Help - Lots of Soft Shell Eggs

TheChad

In the Brooder
10 Years
Mar 31, 2009
43
0
32
Bucyrus Ks
I have noticed that the chickens are just laying eggs out in the run but it is the egg only with no shell. Is there a way to resolve this. I am not getting as many eggs as I used to and this could be the reason. The diet has not changed and they have all the oyster shell they want.

Any info would be greatly appreciated.

thanks
 
Ya we have had thunderstorms but this has been happening for about a month. Egg count has went from 15 to 5 a day with 20 good egg layers

They do have oyster shell.

Just trying to figure out why they are not laying.
 
I have found that causes for softies can be drawn from the following:

Calcium deficiency - and too many treats can inadvertently be the cause (lots of treats = reduced % calcium in the diet). Cut out all treats for a week and give calcium supplements (oyster shell should always be available free choice, but you can also try adding some dairy and crushed eggshells to the diet to boost calcium levels)

Stress - too much noise or disturbance around the hen house can cause the girls to lay their eggs early, meaning they don't spend enough time in the shell gland and come out soft. Minimise disturbances around the henhouse and that might help. (Although thunderstorms can obviously not be accounted for here!)

Moulting and excessive heat - see previous posts

Infectious Bronchitis and other diseases - could be a possible cause in your case, as all hens are affected, especially if there is no other obvious environmental reason, and they have all suddenly gone from laying well to producing predominantly poor quality eggs. According to Gail Damerow (The Chicken Health Handbook), diseases which can lead to soft shells or no shells are as follows, in order of prevalence: infectious bronchitis, infectious laryngotracheitis, vit D deficiency, egg drop syndrome, ochratoxicosis, avian influenza. (Please note the final three in this list are RARE!). Personally, I would suspect infectious bronchitis, if no obvious environmental or dietary cause can be identified in the first instance.

So, do start with the obvious stuff with diet and environment and let us know how you get on...
 
Thanks for all the help.
I do not believe that they are going through molt cause they have not lost their feathers.
They should not be stressed but who knows.

Infectious Bronchitis--What are signs of this and what to do to resolve the issue?
 
Please don't take IB as your first line of enquiry - it is far more likely to be due to dietary or stress factors. Address them thoroughly first... and then if you get no joy, begin to address the possible disease mechanisms.

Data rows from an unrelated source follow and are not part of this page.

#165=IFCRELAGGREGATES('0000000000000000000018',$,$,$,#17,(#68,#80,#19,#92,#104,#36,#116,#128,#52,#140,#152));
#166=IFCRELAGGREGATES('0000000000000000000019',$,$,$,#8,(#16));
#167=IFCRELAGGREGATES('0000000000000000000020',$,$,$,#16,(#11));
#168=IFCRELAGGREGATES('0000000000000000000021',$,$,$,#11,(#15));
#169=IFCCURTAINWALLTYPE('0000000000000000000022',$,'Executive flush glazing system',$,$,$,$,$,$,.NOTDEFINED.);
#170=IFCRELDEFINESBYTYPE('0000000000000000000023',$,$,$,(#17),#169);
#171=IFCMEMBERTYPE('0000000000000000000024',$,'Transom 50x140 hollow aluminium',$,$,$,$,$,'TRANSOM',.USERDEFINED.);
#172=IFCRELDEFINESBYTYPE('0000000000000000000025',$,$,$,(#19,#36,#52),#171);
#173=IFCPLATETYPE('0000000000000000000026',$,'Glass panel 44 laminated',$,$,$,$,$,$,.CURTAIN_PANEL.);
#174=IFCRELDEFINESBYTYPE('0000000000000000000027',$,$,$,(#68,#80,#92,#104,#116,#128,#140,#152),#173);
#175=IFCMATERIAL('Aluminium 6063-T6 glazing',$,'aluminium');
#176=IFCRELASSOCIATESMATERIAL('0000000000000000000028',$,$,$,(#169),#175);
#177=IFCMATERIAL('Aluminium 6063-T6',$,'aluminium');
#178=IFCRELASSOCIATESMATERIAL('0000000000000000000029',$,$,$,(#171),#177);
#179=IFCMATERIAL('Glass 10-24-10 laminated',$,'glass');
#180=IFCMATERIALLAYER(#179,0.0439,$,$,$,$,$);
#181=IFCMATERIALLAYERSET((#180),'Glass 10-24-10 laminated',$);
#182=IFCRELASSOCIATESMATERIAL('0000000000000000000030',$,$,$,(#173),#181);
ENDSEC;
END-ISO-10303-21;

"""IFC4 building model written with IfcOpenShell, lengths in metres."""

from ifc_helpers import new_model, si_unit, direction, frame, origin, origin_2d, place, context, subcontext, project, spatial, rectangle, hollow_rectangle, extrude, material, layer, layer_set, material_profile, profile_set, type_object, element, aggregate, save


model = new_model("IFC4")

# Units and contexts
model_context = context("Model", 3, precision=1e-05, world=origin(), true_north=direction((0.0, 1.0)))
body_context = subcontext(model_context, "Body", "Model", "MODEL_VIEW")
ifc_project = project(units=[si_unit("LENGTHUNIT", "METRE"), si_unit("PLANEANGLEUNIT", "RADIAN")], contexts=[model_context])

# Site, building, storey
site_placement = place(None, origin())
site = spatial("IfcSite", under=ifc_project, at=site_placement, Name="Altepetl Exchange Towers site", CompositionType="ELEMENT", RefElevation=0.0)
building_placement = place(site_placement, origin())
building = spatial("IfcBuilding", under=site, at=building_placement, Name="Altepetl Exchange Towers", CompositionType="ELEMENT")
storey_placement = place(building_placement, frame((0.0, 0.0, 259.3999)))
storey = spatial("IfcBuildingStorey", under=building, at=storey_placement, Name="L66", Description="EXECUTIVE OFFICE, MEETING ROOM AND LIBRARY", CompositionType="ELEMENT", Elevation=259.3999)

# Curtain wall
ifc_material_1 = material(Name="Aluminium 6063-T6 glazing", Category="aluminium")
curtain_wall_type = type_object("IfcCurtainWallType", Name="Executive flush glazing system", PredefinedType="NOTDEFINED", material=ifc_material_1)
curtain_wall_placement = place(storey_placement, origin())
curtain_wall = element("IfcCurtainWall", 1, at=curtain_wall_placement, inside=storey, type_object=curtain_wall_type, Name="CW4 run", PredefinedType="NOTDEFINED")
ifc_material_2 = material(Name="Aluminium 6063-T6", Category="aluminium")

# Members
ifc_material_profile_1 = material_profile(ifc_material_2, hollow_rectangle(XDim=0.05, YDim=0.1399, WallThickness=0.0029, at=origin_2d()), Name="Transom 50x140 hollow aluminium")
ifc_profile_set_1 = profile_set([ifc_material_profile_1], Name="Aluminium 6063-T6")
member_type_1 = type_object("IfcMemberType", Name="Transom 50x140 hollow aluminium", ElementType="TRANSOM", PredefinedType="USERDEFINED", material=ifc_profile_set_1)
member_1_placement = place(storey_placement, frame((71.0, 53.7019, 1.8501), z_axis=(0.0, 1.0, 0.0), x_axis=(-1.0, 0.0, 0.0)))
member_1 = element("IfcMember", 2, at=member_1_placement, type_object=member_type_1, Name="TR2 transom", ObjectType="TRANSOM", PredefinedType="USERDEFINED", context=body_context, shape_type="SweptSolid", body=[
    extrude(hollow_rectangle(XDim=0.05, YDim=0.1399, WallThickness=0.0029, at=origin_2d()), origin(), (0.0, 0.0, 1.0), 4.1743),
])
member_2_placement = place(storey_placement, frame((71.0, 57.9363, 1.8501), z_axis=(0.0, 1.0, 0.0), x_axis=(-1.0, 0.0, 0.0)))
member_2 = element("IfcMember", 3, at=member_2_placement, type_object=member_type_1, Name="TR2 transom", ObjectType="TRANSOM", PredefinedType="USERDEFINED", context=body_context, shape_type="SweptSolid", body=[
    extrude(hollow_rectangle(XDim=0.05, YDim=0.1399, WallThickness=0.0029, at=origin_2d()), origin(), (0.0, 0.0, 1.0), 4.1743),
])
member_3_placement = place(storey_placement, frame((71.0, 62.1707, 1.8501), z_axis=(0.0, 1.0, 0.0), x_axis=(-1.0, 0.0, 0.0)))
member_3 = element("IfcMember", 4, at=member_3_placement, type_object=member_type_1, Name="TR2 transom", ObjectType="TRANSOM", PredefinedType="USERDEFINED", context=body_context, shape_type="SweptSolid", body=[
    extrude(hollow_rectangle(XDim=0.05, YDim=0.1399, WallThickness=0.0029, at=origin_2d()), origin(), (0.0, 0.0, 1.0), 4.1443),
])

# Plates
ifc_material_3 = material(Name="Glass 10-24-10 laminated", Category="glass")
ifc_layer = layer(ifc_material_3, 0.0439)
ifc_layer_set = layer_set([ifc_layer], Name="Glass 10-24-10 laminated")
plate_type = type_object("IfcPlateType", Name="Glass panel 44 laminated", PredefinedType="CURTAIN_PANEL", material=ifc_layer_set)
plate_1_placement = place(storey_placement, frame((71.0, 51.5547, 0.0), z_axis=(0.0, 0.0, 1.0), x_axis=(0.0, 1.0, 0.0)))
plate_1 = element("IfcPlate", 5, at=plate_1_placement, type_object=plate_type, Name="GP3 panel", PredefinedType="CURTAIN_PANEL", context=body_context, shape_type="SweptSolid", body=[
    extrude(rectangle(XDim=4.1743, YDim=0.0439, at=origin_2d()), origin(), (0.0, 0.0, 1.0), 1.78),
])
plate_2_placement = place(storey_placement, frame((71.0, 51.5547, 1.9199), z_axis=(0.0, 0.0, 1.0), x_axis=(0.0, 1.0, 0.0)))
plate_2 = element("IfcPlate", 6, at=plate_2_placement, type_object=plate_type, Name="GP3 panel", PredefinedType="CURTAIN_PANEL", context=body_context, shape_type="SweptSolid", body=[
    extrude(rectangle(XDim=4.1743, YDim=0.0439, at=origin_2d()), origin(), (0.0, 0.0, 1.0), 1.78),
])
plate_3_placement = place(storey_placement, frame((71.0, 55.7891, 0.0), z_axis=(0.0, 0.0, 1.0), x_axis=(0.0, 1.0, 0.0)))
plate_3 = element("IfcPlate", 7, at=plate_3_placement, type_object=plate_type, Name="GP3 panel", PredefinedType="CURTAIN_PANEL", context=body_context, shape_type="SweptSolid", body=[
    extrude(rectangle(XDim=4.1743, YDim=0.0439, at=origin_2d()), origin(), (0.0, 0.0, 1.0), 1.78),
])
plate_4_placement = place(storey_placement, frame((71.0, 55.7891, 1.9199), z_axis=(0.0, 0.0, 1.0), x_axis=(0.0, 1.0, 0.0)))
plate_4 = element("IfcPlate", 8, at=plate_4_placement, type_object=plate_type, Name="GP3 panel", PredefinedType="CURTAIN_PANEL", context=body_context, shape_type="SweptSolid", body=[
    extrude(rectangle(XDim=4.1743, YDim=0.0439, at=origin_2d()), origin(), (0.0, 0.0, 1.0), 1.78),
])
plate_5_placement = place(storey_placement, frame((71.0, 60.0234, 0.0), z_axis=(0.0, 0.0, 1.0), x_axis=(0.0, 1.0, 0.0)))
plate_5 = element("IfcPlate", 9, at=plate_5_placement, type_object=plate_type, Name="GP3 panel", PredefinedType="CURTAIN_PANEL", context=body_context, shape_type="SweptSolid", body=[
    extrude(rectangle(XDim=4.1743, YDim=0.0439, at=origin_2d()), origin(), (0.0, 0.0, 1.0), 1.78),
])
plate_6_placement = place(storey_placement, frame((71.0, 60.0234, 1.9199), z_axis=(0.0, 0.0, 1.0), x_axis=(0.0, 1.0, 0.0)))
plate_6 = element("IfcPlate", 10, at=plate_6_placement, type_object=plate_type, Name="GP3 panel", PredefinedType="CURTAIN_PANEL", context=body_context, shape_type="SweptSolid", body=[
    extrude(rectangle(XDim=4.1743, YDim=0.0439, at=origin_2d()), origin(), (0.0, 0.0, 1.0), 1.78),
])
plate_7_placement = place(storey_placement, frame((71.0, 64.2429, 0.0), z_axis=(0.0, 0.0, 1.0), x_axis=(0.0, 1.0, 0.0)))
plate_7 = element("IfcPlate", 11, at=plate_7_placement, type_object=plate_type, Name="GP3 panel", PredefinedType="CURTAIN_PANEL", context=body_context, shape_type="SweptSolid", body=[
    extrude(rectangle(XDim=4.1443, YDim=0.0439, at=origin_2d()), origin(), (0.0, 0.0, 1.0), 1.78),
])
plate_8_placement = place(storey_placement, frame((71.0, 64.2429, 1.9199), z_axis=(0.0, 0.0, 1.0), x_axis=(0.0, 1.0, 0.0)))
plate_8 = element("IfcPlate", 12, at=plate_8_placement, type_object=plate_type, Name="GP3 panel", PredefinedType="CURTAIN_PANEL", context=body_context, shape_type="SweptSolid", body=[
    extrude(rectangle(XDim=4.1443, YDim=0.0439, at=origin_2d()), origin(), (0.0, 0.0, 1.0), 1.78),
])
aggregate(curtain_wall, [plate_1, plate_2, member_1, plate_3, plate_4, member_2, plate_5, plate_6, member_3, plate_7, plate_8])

However, as you've specifically asked...

IB is characterised by a sudden reduction in overall egg production, wheezing and sneezing and general respiratory symptoms, and then about six weeks of very poor quality eggs (wrinkled, soft shells, odd shapes). The most telling symptom is that eggs from a bird with IB will have very watery whites - they just don't hold together around the yolk properly and will simply spread out when you crack the eggs onto a saucer.

Confusingly though, there are strains of IB which only affect the reproductive tract, so the respiratory symptoms will not be present. For this reason, you really need to have a lab diagnosis for proper confirmation of this disease.

It is the most contagious poultry disease known, and once it is in your flock, the infection rate will be 100%. This helps to distiguish it from other causes of laying problems, as every single hen will have it if it is indeed IB. If some hens are unaffected, IB is astronomically unlikely.

It is a virus, and cannot therefore be 'cured' - you just have to wait for it to run it's course. Birds affected by a bout of IB will thereafter be immune to further exposure, but may never lay well again, as the virus can damage the uterus/shell gland.

IB is unlikely to prove fatal, as mortality with the virus is notoriously low, however it can leave the hen susceptible to other pathogens such as e-coli or mycoplasma infections, so you have to be vigilant for those symptoms whilst the virus is running its course, more so than worryingabout the IB itself.

Please, as I said, address the environmental issues first though - IB, although a common poultry complaint, is most often not to blame. And even if it is, you can't actually do much to alter the course of the disease in any case. Try and find a simple cause first - and calcium-related issues are usually where you will find the culprit.